Military-News Complex: What Determines What We See and Hear

MediaValues

This article originally appeared in Issue# 56

Three ways the Gulf War was sold to the American public.

Students of television have identified more than one way of viewing its role as a cultural force. Recognition of the meanings it transmits, the way its programming is driven by economic considerations and its role in gratifying audience needs all provide important tools for analyzing its role in shaping societal goals and values. This applies even more effectively when attitudes are being shaped for a major societal effort such as a war.

When we apply these three analytical methods to TV images of the Gulf War, some important insights into television's biases and cultural power emerge.

TV as Signifier

TV viewers have already learned a complex visual code in which a closeup means intimacy or emotion, a shot from below means authority, a fadeout means the end of an episode.

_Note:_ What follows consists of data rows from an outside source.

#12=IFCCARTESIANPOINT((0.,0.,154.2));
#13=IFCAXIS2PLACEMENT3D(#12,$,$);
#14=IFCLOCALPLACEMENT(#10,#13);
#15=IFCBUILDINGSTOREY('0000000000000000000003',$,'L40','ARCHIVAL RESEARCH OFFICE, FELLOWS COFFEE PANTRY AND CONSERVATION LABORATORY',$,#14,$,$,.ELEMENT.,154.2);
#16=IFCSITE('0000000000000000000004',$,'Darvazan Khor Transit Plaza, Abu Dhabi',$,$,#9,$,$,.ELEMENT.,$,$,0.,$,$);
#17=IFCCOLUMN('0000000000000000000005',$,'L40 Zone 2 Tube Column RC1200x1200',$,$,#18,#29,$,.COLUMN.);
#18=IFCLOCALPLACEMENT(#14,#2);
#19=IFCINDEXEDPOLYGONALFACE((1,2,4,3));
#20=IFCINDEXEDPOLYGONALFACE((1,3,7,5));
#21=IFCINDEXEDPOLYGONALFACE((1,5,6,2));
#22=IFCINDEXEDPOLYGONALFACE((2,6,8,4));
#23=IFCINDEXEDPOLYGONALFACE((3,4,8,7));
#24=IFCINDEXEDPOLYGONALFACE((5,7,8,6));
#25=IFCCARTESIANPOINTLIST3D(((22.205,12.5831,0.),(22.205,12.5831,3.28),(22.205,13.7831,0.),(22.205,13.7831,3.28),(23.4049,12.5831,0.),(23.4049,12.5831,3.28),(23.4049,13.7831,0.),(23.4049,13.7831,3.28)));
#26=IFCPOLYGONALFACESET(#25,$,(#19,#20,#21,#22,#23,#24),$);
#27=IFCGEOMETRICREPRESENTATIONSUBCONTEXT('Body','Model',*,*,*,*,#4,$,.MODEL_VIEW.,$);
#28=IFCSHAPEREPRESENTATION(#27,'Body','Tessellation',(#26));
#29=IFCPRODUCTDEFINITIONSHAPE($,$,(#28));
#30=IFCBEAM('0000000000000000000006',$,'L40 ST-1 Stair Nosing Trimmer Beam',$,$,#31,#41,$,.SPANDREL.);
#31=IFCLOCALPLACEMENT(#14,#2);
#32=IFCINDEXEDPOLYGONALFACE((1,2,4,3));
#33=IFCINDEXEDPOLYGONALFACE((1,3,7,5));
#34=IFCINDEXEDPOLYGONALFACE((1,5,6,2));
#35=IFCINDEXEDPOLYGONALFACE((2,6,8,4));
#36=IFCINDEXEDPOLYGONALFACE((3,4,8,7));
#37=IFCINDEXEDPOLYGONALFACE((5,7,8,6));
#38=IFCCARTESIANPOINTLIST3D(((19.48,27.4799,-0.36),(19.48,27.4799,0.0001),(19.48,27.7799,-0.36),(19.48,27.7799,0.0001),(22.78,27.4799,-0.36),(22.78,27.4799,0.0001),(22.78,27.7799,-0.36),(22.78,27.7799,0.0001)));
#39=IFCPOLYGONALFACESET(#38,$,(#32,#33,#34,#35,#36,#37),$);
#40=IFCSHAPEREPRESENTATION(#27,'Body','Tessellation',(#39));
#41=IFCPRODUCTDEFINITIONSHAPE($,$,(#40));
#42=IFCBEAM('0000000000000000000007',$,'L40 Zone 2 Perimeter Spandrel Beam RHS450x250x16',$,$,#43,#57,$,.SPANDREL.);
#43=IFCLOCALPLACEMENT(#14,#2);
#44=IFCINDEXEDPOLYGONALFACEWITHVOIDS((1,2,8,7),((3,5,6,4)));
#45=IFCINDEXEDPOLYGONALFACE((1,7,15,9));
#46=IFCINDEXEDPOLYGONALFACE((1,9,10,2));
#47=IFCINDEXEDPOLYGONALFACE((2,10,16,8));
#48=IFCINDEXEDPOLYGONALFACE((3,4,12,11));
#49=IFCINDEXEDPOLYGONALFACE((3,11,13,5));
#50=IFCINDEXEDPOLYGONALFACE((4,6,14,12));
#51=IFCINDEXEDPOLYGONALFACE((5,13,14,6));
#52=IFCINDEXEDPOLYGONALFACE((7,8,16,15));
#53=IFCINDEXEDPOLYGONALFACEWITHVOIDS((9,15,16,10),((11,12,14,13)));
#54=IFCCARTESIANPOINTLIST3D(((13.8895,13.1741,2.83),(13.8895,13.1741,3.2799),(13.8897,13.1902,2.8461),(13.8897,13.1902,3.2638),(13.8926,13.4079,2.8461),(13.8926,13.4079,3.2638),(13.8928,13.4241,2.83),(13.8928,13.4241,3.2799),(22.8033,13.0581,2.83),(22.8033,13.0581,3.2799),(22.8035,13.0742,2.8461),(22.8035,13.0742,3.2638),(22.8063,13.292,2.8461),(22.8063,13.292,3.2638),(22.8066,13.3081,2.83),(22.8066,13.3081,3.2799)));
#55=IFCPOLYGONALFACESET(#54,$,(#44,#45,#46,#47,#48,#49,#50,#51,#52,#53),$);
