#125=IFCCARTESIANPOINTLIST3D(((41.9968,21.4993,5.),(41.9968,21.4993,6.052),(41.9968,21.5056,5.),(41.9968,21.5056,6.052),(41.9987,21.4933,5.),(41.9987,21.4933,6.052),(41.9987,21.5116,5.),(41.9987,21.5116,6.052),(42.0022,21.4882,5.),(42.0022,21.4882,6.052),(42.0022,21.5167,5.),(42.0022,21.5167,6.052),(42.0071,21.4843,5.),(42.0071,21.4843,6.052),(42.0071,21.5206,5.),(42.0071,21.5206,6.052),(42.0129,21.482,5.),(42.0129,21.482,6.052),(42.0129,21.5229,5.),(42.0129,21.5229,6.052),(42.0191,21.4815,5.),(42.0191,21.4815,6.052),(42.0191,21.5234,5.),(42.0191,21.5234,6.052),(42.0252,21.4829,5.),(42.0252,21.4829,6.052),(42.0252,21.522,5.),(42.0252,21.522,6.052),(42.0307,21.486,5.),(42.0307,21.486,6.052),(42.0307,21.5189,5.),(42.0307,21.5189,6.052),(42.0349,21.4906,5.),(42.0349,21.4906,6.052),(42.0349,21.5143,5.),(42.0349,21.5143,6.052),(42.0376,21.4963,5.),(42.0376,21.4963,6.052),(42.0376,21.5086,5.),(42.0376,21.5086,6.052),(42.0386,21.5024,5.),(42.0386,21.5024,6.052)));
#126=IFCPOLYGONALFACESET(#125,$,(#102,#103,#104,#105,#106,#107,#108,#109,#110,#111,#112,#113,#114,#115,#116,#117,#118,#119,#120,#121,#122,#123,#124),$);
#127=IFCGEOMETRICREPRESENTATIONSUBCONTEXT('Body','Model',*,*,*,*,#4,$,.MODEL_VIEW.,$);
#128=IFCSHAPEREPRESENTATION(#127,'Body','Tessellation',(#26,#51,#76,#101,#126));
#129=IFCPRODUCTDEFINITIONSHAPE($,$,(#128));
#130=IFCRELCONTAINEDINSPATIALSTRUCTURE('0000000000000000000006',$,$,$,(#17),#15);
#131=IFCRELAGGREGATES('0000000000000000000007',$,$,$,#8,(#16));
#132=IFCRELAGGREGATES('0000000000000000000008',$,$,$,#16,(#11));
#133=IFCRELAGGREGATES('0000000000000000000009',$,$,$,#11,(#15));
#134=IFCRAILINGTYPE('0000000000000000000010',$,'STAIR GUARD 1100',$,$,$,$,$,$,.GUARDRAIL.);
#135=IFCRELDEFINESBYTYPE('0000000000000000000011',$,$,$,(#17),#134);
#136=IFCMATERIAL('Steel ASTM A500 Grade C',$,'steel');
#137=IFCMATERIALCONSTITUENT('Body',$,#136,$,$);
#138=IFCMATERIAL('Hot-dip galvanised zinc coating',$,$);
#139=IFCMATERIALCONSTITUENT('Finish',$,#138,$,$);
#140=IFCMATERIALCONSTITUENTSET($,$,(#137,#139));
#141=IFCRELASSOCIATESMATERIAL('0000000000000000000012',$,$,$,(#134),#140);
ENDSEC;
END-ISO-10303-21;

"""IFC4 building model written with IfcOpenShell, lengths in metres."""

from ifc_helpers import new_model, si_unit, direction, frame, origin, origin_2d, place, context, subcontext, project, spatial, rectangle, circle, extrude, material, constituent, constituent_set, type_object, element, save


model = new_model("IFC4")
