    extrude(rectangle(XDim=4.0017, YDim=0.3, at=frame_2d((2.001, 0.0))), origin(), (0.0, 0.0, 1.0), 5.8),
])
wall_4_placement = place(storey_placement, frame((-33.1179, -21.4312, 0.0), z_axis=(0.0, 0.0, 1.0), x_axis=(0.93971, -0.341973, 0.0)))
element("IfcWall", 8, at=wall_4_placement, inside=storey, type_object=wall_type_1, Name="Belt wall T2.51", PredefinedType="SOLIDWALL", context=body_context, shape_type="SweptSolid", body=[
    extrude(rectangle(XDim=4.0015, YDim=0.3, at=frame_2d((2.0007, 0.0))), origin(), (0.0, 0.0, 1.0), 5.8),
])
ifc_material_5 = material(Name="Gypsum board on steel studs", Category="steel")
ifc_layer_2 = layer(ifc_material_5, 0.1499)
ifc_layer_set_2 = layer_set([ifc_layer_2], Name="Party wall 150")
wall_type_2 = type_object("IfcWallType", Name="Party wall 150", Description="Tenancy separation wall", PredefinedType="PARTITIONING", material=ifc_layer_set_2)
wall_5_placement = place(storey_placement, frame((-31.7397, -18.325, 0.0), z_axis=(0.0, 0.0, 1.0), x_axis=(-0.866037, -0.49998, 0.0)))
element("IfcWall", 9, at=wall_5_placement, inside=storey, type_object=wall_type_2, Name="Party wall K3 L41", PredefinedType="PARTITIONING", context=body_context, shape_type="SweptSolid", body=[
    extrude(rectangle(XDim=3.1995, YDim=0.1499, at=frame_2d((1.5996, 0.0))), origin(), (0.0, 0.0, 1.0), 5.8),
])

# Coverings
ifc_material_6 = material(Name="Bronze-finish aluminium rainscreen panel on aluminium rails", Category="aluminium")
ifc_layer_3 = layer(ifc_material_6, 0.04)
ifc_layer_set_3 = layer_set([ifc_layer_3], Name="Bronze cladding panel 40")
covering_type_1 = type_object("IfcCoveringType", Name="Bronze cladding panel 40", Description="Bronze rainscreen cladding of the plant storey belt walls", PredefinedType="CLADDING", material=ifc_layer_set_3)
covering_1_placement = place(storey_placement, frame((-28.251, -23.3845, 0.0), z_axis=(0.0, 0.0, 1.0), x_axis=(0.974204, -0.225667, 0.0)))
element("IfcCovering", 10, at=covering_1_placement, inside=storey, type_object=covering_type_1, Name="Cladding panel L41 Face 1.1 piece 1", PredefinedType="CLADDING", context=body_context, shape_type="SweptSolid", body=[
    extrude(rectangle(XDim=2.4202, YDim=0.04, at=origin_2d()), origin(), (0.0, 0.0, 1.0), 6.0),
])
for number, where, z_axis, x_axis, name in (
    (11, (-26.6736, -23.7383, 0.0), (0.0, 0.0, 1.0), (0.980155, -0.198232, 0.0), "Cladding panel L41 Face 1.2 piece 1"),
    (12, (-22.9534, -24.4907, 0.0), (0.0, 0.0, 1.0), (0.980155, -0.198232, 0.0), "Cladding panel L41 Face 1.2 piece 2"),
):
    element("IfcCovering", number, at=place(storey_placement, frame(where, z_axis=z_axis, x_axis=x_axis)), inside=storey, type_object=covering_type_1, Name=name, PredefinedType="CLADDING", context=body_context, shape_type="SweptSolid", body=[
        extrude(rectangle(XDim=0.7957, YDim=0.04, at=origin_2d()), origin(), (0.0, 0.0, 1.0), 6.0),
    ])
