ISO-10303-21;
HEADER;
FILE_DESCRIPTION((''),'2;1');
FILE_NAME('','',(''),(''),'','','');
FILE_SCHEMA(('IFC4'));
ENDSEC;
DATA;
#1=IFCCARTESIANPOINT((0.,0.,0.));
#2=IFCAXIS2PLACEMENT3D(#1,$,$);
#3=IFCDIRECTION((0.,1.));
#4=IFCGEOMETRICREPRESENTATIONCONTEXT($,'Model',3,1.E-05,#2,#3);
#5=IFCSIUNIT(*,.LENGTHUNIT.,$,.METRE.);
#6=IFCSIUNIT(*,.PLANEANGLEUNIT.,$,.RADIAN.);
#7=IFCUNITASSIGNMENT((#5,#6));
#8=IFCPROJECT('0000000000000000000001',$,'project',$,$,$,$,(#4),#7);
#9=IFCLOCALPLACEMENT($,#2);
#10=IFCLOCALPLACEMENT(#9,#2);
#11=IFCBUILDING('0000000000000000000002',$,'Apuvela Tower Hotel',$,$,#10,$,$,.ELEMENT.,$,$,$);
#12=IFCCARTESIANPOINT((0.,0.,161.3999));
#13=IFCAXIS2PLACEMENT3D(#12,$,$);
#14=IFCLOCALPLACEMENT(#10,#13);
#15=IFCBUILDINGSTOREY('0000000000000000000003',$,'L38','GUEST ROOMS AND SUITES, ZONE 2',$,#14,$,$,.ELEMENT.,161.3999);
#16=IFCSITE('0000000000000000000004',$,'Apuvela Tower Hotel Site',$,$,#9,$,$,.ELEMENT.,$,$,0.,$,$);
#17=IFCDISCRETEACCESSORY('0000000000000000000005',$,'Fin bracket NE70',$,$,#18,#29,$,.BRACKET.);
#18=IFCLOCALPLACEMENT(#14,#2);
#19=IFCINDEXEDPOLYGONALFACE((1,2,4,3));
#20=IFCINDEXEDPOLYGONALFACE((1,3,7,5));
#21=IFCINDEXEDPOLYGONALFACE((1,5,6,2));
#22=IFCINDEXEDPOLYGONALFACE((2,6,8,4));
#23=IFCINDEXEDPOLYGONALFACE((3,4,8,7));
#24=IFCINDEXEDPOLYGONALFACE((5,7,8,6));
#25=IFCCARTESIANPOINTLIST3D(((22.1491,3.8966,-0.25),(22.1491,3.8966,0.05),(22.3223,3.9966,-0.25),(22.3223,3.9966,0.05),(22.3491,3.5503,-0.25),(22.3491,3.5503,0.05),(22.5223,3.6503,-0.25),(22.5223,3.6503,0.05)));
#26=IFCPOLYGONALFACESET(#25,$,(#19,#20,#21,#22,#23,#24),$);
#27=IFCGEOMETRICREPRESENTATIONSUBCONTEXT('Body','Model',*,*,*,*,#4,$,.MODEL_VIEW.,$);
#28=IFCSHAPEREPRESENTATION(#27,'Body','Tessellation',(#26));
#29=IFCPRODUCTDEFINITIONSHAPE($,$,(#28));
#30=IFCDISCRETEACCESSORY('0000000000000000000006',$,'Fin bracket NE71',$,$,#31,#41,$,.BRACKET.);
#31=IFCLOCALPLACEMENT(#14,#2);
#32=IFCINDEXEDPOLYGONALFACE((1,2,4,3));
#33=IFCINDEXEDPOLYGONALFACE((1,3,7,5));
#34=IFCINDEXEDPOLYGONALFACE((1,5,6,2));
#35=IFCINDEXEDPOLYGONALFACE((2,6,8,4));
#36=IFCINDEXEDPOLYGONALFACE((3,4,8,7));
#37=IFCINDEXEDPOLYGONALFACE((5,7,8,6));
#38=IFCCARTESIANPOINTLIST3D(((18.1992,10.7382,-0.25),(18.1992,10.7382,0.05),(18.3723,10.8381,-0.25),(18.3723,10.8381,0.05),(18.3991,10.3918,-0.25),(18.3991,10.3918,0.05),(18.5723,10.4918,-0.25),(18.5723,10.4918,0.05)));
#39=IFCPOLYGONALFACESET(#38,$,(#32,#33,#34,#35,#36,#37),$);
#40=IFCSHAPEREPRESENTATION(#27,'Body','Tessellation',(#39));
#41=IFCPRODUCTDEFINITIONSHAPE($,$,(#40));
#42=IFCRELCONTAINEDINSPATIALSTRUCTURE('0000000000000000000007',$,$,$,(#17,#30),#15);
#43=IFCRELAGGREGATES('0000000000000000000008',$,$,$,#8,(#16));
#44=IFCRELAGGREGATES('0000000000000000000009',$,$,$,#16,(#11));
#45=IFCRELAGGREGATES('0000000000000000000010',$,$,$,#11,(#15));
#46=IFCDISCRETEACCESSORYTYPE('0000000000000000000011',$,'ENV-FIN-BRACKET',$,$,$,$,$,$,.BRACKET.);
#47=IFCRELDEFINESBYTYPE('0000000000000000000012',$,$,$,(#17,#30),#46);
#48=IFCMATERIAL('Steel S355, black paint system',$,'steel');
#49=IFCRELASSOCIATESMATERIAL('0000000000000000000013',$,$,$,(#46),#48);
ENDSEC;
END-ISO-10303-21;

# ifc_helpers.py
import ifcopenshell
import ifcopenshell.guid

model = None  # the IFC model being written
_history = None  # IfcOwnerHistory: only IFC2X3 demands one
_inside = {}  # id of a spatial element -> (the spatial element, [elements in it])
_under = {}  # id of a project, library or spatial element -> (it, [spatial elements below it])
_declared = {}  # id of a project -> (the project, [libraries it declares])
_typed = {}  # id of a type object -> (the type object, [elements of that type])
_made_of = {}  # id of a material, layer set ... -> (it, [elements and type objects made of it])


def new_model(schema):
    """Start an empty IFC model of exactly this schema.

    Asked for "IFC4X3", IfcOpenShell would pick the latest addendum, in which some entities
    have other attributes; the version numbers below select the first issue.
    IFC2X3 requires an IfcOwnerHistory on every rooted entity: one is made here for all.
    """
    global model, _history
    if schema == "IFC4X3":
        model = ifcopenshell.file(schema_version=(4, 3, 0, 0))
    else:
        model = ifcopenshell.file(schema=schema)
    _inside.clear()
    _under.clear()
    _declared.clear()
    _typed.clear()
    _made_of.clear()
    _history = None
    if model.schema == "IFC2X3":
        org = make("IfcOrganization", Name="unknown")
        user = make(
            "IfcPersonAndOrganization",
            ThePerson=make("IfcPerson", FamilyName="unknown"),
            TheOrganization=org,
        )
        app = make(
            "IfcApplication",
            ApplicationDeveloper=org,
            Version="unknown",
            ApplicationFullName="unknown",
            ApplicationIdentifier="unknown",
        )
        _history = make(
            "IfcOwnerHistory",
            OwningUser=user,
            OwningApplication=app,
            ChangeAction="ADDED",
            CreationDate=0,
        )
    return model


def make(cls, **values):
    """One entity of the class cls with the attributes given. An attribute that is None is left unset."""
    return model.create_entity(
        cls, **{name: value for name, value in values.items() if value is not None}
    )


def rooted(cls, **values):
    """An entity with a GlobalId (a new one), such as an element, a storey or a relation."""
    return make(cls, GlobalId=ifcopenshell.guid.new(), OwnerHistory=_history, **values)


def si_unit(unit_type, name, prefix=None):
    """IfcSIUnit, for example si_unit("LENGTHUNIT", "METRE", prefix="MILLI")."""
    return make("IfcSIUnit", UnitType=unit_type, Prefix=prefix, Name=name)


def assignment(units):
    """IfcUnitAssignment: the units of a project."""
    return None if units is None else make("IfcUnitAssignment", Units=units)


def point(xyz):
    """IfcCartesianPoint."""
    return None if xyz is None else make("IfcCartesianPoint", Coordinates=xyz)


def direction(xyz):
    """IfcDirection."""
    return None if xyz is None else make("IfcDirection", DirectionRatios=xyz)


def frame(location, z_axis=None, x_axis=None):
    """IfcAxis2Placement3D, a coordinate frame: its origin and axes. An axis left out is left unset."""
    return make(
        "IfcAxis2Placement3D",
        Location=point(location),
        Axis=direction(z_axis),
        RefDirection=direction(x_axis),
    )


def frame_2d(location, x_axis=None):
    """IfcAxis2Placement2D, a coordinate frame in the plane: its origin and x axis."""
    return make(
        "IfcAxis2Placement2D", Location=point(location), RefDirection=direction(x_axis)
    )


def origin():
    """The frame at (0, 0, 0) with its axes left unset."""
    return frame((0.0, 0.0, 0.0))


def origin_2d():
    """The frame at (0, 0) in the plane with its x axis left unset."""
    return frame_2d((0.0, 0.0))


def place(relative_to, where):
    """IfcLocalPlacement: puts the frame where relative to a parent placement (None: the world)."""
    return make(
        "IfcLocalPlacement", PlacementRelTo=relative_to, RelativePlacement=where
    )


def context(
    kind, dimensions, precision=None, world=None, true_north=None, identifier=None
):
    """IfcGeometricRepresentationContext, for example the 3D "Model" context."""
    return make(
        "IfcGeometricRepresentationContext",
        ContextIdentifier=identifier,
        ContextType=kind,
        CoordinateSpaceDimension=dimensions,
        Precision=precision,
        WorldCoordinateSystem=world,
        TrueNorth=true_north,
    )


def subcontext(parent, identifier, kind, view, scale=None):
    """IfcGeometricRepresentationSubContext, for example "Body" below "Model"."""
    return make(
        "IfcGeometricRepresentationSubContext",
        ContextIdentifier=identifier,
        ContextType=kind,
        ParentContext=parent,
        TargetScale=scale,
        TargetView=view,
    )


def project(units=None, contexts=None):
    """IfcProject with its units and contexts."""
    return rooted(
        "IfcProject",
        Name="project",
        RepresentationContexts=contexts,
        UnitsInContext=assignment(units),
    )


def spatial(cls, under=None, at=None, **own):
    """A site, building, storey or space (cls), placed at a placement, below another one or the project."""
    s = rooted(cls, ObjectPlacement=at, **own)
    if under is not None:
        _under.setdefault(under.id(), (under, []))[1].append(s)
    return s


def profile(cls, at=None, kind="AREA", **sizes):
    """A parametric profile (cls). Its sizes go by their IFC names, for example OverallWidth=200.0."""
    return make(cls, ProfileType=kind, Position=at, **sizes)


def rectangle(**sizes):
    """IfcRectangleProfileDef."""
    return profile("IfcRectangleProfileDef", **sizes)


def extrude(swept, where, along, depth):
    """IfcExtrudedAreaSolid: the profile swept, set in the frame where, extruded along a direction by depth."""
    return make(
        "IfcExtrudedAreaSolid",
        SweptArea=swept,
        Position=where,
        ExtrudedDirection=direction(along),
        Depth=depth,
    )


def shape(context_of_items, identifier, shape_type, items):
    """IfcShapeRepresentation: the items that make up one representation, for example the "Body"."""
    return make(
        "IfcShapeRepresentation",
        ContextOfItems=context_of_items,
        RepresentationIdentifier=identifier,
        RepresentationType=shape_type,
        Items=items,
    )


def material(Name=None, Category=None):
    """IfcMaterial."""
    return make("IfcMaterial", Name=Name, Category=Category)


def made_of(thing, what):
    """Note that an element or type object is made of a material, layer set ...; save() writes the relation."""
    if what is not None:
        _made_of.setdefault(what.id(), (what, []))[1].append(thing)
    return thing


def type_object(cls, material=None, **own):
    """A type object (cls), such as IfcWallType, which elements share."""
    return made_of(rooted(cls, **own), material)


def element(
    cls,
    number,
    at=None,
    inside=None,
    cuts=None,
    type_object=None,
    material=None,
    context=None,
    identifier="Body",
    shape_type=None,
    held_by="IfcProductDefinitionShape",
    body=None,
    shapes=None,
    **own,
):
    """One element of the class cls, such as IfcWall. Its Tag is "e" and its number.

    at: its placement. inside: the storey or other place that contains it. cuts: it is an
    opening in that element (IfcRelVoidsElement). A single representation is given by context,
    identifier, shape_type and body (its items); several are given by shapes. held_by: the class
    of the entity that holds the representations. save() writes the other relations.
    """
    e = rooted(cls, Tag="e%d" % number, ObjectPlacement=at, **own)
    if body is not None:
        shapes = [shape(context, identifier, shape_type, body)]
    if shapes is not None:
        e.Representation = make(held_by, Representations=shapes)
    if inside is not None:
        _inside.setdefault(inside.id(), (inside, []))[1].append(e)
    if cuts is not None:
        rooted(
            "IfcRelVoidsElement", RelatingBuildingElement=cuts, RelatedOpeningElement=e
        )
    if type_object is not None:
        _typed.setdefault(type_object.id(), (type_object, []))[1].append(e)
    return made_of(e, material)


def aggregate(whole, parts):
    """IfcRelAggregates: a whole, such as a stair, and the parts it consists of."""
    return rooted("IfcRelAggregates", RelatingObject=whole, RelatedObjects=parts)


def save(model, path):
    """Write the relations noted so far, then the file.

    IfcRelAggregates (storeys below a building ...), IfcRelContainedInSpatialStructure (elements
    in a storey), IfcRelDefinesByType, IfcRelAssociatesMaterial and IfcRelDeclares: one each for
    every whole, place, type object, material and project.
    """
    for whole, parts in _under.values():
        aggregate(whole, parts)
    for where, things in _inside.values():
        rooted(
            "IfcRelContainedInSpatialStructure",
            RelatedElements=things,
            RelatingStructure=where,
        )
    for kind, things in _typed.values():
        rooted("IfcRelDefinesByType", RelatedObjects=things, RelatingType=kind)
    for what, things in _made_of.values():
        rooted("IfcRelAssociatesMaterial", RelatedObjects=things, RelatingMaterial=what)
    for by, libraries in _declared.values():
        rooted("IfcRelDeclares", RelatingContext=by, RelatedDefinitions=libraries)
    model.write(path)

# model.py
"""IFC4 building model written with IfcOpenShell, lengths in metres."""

from ifc_helpers import new_model, si_unit, direction, frame, origin, origin_2d, place, context, subcontext, project, spatial, rectangle, extrude, material, type_object, element, save


model = new_model("IFC4")

# Units and contexts
model_context = context("Model", 3, precision=1e-05, world=origin(), true_north=direction((0.0, 1.0)))
body_context = subcontext(model_context, "Body", "Model", "MODEL_VIEW")
ifc_project = project(units=[si_unit("LENGTHUNIT", "METRE"), si_unit("PLANEANGLEUNIT", "RADIAN")], contexts=[model_context])

# Site, building, storey
site_placement = place(None, origin())
site = spatial("IfcSite", under=ifc_project, at=site_placement, Name="Apuvela Tower Hotel Site", CompositionType="ELEMENT", RefElevation=0.0)
building_placement = place(site_placement, origin())
building = spatial("IfcBuilding", under=site, at=building_placement, Name="Apuvela Tower Hotel", CompositionType="ELEMENT")
storey_placement = place(building_placement, frame((0.0, 0.0, 161.3999)))
storey = spatial("IfcBuildingStorey", under=building, at=storey_placement, Name="L38", Description="GUEST ROOMS AND SUITES, ZONE 2", CompositionType="ELEMENT", Elevation=161.3999)

# Discrete accessories
ifc_material_1 = material(Name="Steel S355, black paint system", Category="steel")
discrete_accessory_type = type_object("IfcDiscreteAccessoryType", Name="ENV-FIN-BRACKET", PredefinedType="BRACKET", material=ifc_material_1)
for number, where, z_axis, x_axis, name in (
    (1, (22.3357, 3.7734, -0.25), (0.0, 0.0, 1.0), (-0.5, 0.866025, 0.0), "Fin bracket NE70"),
    (2, (18.3857, 10.615, -0.25), (0.0, 0.0, 1.0), (-0.5, 0.866025, 0.0), "Fin bracket NE71"),
):
    element("IfcDiscreteAccessory", number, at=place(storey_placement, frame(where, z_axis=z_axis, x_axis=x_axis)), inside=storey, type_object=discrete_accessory_type, Name=name, PredefinedType="BRACKET", context=body_context, shape_type="SweptSolid", body=[
        extrude(rectangle(XDim=0.3999, YDim=0.2, at=origin_2d()), origin(), (0.0, 0.0, 1.0), 0.3),
    ])

save(model, "model.ifc")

We have been taught the "meaning" of certain characters and objects: doctors represent authority; jet planes mean wealth and power, popular actors and athletes are trustworthy. Commercials rely heavily on significant images that link soft drinks with youth and beauty, automobiles with power, control and escape. Signification is the key to all effective selling.

What did the Gulf War sell? We were inundated with images of technology: powerful and exotic airplanes taking to the sky night after night, tanks speeding across the desert, stopping only to shoot at (and always hit) a distant target. In case we missed the point, news anchor narrators assured us the bombs were "smart" and the strikes "surgical." The signification was clear: technology not only bestows power and superiority but enables us to be humane, even in the conduct of war.

We also saw a great deal of interpretation as opposed to documentation. If Vietnam was the first TV war, the Gulf was the first anti-TV war. With the exception of a few exciting moments when a Scud missile was expected in Israel or Dhahran, correspondents were restricted to talking to us by radio or telephone while the camera focused on a map of the Middle East. Otherwise, various experts, mostly former military men, explained a particular weapon or tactic from a studio thousands of miles from the battlefield. Never was so much stock footage used to convey so little.

While newspeople described tank training, we saw familiar shots of tanks racing across the desert. If there was a report of new air sorties, we saw, for the dozenth time, the same old pictures of planes leaving their airfields; and when the Patriot missiles were discussed, we were treated to endlessly repeated footage of Patriots being uncrated (all cleared by the censors).

In sharp contrast to Vietnam no cameras went with the soldiers into ground combat. We never saw for ourselves that this war was quite separate from our daily lives. For all the rhetoric, the war was not a truly serious event for most TV viewers-which may have been why some entrepreneurs tried so hard to sell the war to others, through yellow ribbons, bumper stickers and even outdoor advertising.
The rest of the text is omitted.